Recently, my friend was riding his carbon fiber bike at high speed and his chain snapped, whipped around the chainstay, chewing it up pretty bad, and caused extensive damage to the carbon fiber. It got me thinking about ways to protect my chainstay from a similar freak occurrence. 

The problem is that I'm not sure conventional stick-on chainstay protectors designed for road bikes will mold well around the flattened X-stays of my Look 566 because of their unusual shape. Does anyone have experience with or recommendations for a good chainstay protector for the Look chainstays in particular or should I perhaps just use Lizard Skins as on my mountain bike and forget about aesthetics?


----------



## EWT

Helicopter tape. It is like extra thick clear packing tape. Seems to be very similar if not the same thing that came on the chainstay of my Roubaix. I used it on my other chainstay where I attached my Wahoo wireless speed and cadence sensor.


----------



## maximum7

The protector film that came on my 585 is still working good for me.
For other areas, I use the clear bra stuff the put on cars. 
I went down to the shop where there "install it" and they gave me free scraps. 
I also know it doesn't ruin the paint when taking it off.


----------



## Kenacycle

Get this.. Buy a sheet and cut a piece to any size you want. The film is very easy to work with and it just stretch and conforms to the shape of your bike. I used it to wrap my whole chainstay and part of the bottom bracket of my Colnago. It also comes off easily without residue. Excellent stuff!!

http://www.bestskinsever.com/diy-skins


----------



## toegnix

*Carbon Fiber Bicycle Chainstay Protector*

I needed the tape/decal/sticker style chainstay protector for two road bikes. I searched online and found the Lizard Skins leather carbon-look one but decided it was too thick. I found some decals, branded and generic, but they were all something like $8 plus another $5-7 in shipping. C'mon, $13-$15 (or more!) for stickers?!?

*I decided to import my own and sell them, too.* Apply a little heat (like from a hair dryer) to allow them to be applied and conform to curves.

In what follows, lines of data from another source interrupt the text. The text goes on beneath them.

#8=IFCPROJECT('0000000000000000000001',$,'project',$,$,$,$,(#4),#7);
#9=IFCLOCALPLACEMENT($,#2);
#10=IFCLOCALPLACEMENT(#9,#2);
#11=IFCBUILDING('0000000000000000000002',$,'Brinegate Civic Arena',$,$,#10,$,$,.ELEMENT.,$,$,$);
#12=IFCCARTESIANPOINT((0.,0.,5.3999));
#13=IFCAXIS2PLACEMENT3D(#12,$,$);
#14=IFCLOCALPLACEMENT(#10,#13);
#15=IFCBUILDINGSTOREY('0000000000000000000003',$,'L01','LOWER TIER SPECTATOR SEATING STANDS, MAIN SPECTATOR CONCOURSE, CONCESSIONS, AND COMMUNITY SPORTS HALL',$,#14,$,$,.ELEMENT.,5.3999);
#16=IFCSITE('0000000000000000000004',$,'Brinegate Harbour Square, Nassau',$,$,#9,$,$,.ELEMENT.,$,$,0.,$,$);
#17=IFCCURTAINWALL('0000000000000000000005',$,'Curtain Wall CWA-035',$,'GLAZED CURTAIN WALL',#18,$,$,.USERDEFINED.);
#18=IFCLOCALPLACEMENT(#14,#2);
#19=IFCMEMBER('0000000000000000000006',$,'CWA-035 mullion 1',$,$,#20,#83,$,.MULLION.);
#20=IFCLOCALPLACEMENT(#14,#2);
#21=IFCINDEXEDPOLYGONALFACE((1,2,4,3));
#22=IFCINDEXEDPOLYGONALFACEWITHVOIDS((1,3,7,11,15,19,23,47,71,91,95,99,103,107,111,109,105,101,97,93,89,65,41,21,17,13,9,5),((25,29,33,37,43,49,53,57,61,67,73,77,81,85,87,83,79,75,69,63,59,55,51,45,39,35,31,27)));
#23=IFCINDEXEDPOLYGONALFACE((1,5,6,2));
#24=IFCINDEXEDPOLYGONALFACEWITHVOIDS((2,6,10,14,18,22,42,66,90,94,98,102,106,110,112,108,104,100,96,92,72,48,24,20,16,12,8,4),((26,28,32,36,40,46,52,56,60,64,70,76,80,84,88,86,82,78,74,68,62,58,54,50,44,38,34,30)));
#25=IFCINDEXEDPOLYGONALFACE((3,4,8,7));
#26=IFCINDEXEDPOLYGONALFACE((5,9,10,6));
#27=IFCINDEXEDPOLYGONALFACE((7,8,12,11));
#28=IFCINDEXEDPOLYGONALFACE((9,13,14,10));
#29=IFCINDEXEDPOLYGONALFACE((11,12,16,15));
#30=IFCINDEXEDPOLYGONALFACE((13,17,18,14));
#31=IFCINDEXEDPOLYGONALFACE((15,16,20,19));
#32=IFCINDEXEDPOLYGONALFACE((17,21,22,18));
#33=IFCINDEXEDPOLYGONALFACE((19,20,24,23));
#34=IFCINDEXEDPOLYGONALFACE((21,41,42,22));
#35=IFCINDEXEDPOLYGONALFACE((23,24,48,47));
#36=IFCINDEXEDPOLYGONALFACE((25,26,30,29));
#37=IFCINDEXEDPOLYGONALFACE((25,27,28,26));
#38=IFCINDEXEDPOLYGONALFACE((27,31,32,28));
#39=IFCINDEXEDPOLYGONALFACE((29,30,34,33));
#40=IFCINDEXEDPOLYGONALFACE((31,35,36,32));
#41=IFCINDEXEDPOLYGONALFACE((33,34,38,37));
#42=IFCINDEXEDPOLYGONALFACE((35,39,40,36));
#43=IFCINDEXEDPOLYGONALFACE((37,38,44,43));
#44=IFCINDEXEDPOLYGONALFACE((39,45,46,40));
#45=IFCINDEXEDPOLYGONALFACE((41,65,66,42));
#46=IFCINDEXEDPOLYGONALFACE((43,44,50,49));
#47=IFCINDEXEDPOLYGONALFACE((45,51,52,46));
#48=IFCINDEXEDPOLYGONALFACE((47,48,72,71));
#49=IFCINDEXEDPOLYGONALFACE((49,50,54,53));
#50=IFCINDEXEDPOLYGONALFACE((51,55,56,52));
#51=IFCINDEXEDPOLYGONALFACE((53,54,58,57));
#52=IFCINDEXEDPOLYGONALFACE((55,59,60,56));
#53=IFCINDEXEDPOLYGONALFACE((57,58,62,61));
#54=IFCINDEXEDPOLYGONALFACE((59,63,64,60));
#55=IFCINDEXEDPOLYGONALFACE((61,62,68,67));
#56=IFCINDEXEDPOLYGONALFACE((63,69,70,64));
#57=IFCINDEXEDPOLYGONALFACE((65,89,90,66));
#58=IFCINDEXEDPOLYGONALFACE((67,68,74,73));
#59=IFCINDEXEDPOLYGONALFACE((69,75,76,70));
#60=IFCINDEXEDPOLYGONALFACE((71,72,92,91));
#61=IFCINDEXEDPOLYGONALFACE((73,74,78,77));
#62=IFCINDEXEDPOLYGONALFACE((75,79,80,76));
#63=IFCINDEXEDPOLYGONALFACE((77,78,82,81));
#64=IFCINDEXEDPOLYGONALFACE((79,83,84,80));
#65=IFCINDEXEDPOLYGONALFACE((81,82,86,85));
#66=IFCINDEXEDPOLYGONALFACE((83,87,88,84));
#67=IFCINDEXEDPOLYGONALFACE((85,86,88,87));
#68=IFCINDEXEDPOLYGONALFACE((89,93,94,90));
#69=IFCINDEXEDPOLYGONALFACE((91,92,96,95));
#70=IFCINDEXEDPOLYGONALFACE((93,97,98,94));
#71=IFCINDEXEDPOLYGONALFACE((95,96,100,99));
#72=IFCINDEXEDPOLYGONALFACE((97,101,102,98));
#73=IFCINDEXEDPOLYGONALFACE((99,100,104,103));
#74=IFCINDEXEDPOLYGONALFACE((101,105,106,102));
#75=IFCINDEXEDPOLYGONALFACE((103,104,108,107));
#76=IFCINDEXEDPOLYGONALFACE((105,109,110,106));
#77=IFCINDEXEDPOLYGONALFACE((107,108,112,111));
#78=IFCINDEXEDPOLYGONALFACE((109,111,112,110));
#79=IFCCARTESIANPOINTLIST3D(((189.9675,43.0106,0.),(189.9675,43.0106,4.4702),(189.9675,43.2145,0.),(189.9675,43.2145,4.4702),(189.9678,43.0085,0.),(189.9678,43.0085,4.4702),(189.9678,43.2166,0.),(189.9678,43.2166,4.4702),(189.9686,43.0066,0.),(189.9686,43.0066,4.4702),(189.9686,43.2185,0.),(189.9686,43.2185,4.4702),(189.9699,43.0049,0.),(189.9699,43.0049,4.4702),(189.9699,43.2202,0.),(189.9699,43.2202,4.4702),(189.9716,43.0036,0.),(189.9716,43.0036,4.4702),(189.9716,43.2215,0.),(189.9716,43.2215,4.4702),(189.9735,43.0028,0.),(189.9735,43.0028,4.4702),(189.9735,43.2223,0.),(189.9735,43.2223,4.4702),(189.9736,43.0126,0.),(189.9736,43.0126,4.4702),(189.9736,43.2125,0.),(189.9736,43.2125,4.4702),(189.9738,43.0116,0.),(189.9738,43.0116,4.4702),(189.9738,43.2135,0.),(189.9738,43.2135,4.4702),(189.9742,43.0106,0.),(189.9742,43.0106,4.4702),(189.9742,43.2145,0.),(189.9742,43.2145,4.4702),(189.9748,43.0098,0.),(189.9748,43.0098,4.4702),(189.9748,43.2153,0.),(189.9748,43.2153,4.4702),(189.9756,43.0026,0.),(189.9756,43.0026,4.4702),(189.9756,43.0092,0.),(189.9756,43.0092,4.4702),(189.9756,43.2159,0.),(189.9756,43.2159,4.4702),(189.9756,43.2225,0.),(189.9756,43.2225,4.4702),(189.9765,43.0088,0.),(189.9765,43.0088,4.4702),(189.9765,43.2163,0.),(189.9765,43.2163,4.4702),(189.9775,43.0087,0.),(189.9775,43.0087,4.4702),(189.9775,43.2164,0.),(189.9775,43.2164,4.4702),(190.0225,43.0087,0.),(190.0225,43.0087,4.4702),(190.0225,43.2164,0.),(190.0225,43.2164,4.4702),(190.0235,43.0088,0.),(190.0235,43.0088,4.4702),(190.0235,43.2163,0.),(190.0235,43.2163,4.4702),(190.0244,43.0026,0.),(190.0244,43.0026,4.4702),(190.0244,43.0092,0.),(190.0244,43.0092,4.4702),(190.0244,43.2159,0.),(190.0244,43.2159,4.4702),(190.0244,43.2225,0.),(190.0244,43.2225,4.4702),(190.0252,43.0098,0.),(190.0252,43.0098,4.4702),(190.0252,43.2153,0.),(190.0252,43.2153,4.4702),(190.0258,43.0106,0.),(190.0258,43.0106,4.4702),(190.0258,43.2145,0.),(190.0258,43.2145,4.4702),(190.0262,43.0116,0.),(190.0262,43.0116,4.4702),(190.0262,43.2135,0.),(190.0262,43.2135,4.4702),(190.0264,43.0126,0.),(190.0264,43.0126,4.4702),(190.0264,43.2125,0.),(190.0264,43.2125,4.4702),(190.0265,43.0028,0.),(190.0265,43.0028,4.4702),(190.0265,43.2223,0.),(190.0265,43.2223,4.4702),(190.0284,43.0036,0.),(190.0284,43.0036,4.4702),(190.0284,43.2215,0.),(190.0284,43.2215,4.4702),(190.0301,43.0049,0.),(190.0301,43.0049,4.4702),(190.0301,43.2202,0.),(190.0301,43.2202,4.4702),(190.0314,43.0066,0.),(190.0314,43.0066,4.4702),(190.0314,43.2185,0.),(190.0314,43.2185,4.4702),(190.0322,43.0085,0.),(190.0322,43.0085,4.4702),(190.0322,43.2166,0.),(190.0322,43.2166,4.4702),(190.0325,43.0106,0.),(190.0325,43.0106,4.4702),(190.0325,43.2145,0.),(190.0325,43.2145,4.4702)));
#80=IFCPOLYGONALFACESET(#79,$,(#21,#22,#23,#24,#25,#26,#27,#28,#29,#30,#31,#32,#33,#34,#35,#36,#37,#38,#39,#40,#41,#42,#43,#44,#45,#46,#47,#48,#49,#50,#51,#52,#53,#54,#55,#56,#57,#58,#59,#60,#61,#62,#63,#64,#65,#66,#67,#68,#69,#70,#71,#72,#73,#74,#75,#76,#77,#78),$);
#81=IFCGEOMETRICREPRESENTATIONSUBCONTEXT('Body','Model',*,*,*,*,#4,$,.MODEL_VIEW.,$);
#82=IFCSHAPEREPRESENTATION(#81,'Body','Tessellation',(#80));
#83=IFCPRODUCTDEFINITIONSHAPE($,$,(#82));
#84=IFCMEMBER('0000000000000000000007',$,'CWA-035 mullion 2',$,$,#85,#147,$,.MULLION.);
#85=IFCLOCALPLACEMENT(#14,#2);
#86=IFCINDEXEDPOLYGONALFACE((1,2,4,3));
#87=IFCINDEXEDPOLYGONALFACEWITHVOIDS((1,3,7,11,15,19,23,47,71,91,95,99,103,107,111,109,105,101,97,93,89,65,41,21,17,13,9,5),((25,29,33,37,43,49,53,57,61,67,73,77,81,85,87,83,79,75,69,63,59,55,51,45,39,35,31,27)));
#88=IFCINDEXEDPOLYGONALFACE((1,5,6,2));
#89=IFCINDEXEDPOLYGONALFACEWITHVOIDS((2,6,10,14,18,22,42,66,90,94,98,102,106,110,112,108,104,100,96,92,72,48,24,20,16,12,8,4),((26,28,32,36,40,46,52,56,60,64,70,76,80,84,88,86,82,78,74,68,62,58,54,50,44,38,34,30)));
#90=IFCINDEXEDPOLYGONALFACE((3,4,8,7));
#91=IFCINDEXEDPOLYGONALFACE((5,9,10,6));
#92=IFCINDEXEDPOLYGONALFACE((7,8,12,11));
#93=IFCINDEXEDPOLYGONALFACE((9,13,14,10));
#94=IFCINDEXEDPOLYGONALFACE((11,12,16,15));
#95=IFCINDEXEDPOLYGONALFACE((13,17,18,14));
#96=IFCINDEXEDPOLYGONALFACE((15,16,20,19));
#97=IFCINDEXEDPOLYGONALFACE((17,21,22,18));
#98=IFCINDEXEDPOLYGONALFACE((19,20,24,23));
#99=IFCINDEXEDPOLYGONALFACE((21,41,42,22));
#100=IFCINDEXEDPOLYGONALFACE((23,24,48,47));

I'm new here, so I can't post photos and links yet, but you can see here: IMADM Bicycle Chainstay Protectors - http://www.imadm.com/for_sale/items/chainstay-protect-carbon/chainstay-protect-carbon.html.


----------



## Bethelcat

Best solution is to get some 'plumbers wrap' which is a thicker plastic wrap for pipes that can be snapped over the stay and then taped in place

It looks to be the same stuff as is used for cable tidies

You can get it in different colours and a chain will not chew it up to damage the stay underneath

Readily available through eBay


----------